Texas Employment Forecast
April 17, 2020
Texas jobs declined 4.7 percent annualized in March. Since the data measure employment during the second week in March, social distancing efforts did not have a significant impact on the March data. Weekly claims for unemployment insurance suggest that the large impacts began in the second half of the month and will thus have a much greater impact on April jobs.
“In March, the Texas Leading Index declined at its steepest pace since the data series began in January 1981, suggesting large declines in jobs in the months ahead,” said Keith Phillips, Dallas Fed assistant vice president and senior economist. “Significant uncertainties remain about when social distancing will ease up and how this will take place. This uncertainty means it is very difficult to know the pattern of growth in the economy in the second half of the year.”
The Texas unemployment rate increased from 3.5 percent in February to 4.7 percent in March, but like the jobs data, did not fully reflect the impact of social distancing. Recent increases in weekly initial claims for unemployment insurance in Texas suggest large job losses from mid-March to mid-April. For the four weeks ending April 18, we estimate total active claims will be about 1.5 million (Chart 1).
“This historically large increase in claims suggests that the April unemployment rate may be near 12.4 percent, although several caveats exist,” Phillips said. “Since potential claimants have overwhelmed the Texas Workforce Commission’s phone lines, this likely has delayed the number of claims filed, and thus the unemployment rate may be higher than what the claims data suggest. It is also the case, however, that many unemployed may not be looking for work due to social distancing rules and may not be counted in the labor force, which would mean the standard measure of unemployment may be lower than what the claims data indicate.”
The Texas Leading Index suggests historic declines in the coming months. For the three months ending in March, all of the components declined with the exception of help-wanted advertising (Chart 2). Leading the negative contributions were the large jump in initial claims for unemployment insurance; and sharp declines in the U.S. leading index, stock prices of Texas-based companies and oil prices. The Texas value of the dollar increased, making goods produced here more expensive. Average weekly hours worked, like the jobs data, were for the second week in March and thus not reflective of the weakness in the second half of the month. Permits to drill oil and gas wells declined moderately.
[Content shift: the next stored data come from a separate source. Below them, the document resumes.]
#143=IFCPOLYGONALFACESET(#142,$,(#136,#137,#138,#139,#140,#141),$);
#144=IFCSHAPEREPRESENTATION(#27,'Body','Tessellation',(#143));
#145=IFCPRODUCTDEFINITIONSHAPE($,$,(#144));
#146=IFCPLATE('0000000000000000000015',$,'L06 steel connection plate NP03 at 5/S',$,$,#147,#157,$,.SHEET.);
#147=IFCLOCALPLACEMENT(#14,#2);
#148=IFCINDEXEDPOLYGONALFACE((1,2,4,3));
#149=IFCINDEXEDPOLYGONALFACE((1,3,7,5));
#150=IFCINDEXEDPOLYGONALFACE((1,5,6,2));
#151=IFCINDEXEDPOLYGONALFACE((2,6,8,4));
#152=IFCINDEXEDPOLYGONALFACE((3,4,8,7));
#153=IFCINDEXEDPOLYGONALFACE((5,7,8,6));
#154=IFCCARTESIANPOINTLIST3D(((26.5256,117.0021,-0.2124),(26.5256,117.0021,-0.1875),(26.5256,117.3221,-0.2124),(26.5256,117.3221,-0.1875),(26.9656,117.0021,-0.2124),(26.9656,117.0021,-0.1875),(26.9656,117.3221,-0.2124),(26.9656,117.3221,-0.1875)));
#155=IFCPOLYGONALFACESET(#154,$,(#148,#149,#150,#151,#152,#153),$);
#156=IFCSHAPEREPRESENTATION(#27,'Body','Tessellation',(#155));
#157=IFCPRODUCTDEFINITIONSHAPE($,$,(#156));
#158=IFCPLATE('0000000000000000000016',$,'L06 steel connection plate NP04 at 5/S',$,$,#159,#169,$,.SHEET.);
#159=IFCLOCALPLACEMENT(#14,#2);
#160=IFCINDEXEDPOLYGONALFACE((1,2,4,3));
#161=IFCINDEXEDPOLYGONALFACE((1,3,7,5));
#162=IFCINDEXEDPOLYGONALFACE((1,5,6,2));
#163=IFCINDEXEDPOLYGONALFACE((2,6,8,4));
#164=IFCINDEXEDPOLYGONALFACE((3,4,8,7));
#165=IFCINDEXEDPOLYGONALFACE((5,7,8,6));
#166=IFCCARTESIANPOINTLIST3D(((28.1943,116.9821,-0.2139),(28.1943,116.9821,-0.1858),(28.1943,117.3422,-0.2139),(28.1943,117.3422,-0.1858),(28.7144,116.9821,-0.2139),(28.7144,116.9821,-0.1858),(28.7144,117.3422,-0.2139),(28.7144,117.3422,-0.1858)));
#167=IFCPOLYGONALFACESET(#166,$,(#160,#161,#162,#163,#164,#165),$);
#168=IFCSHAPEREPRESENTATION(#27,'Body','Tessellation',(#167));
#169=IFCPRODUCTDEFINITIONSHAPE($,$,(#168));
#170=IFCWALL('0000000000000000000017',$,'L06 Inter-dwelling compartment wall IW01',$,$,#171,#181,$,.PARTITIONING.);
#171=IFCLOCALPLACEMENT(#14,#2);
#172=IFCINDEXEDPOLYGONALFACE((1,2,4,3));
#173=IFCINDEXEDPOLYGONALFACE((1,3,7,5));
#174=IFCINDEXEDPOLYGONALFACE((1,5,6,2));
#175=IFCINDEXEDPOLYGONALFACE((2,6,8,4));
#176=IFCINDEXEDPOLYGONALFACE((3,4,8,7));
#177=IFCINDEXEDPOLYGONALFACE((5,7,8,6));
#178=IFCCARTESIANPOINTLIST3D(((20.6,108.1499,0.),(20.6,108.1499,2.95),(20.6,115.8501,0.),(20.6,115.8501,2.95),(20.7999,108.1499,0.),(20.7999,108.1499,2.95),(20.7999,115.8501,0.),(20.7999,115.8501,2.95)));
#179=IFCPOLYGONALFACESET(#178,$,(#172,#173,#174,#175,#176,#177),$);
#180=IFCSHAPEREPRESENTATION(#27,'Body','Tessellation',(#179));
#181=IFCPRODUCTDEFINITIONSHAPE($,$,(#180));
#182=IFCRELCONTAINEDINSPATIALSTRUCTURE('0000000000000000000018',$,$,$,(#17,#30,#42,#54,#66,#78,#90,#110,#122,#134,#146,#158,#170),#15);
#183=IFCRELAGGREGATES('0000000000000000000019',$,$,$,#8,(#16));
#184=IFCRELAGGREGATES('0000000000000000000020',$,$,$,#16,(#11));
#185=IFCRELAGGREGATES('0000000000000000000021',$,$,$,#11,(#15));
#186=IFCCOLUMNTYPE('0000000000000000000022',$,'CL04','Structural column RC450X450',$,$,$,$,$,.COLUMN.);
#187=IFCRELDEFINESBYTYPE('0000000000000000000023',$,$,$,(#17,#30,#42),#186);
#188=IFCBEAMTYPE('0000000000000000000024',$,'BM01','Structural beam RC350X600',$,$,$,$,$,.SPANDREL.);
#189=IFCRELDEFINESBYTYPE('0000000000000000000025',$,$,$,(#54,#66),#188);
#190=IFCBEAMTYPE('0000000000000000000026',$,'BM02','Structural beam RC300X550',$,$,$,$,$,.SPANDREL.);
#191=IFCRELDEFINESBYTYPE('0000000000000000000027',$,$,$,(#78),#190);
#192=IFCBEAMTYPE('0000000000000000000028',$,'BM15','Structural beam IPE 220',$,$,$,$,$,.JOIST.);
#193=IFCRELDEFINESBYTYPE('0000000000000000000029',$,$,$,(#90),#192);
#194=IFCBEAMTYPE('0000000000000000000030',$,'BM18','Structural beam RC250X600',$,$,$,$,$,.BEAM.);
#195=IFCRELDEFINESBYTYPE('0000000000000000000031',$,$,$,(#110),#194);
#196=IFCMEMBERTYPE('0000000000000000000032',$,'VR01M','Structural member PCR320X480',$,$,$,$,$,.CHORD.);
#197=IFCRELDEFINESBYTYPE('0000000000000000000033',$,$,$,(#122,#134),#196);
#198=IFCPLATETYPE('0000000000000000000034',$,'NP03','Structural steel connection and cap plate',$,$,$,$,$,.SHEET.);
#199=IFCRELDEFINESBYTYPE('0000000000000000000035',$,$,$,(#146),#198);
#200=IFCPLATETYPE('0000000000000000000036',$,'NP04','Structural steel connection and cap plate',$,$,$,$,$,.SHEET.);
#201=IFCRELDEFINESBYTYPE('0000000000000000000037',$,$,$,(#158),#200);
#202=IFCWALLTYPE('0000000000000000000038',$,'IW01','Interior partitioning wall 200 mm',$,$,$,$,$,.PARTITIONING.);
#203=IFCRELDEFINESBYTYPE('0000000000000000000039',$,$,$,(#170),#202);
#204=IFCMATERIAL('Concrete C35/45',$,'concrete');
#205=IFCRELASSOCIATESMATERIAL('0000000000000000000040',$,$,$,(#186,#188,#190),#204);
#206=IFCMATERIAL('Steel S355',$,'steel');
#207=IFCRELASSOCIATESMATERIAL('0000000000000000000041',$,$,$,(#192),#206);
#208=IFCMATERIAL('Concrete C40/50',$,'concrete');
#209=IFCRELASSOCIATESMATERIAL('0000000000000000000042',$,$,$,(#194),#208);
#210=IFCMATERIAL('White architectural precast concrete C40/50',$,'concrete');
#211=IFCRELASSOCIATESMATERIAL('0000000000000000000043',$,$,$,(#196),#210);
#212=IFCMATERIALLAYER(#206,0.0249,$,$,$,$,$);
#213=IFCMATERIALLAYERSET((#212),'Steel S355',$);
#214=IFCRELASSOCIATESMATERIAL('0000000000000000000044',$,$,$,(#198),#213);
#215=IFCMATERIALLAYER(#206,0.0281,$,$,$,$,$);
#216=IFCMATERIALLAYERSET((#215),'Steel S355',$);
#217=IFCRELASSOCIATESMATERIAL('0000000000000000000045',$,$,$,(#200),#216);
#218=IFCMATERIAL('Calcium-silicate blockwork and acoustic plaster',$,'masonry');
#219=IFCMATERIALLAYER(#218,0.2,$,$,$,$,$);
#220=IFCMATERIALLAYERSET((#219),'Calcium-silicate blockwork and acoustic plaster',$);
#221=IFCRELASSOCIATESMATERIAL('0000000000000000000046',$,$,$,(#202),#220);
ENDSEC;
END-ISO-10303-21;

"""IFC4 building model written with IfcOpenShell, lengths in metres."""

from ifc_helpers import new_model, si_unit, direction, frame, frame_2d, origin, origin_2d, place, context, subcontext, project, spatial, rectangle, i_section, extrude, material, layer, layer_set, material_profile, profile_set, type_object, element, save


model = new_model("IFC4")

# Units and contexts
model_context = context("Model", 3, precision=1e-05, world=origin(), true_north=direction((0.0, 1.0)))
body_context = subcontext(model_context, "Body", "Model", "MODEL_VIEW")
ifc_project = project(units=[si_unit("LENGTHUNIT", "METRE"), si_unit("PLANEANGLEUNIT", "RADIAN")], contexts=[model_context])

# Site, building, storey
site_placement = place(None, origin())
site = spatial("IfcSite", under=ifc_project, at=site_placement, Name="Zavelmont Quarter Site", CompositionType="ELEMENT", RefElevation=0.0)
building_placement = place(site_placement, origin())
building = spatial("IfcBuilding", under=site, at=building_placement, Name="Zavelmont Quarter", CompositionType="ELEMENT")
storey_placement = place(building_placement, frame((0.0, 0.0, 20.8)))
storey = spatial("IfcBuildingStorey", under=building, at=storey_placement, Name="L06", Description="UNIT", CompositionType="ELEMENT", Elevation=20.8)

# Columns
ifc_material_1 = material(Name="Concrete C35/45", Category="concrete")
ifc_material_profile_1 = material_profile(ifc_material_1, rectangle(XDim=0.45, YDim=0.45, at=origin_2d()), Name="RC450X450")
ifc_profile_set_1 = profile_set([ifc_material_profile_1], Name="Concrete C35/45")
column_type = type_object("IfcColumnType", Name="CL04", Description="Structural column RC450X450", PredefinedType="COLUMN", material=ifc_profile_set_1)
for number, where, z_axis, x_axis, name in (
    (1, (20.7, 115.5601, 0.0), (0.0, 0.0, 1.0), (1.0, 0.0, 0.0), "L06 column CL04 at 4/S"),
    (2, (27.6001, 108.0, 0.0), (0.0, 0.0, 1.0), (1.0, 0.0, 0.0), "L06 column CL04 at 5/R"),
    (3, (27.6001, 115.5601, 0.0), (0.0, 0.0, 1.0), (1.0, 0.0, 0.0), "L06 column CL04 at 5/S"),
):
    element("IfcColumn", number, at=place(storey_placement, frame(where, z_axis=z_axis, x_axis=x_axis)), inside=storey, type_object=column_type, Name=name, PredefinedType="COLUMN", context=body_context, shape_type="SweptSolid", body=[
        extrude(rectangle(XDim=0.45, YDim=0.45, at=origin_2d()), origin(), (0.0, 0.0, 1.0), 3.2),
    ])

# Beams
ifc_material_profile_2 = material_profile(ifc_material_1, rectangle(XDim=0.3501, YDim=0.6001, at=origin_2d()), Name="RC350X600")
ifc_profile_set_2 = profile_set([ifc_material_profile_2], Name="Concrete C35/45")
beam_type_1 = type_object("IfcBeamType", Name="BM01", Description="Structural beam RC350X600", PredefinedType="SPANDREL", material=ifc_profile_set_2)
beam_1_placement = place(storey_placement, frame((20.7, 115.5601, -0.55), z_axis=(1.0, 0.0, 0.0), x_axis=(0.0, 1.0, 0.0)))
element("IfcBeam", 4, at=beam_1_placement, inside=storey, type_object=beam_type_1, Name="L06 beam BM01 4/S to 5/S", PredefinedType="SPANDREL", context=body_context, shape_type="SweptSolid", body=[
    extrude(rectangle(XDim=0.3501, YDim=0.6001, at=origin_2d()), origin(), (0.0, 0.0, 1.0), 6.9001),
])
Next release: May 22, 2020
The Dallas Fed Texas Employment Forecast projects job growth for the calendar year and is estimated as the 12-month change in payroll employment from December to December. The forecast reported above is a point estimate with 80 percent confidence bands; in other words, the true forecast lies within the bands on Chart 1 with 80 percent probability.
The Dallas Fed Texas Employment Forecasting Model is based on a transfer function that utilizes past changes in state employment along with past changes in the Dallas Fed Texas Leading Index (TLI). Changes in the TLI have an impact on employment with a lead time of three months, and the effect dies out slowly over time. The regression coefficients on lagged changes in employment and the TLI are highly statistically significant, and the model as a whole has been accurate relative to other forecasters over the past two decades.
The forecasting model has been in use at the Dallas Fed since the early 1990s, and the employment forecast has been published in the Western Blue Chip Economic Forecast (WBCF) since 1994. Phillips and Lopez (2009) show that the model has been the most accurate in forecasting Texas job growth relative to other forecasters in the WBCF. In particular, the model had the lowest root mean squared error and has been the closest to the actual the most times (nine of the last 17 years) out of five forecasters that have consistently participated in the survey.
For more details about the model and its performance, see “An Evaluation of Real-Time Forecasting Performance Across 10 Western U.S. States,” by Keith R. Phillips and Joaquin Lopez, Journal of Economic and Social Measurement, vol. 34, no. 2–3, December 2009.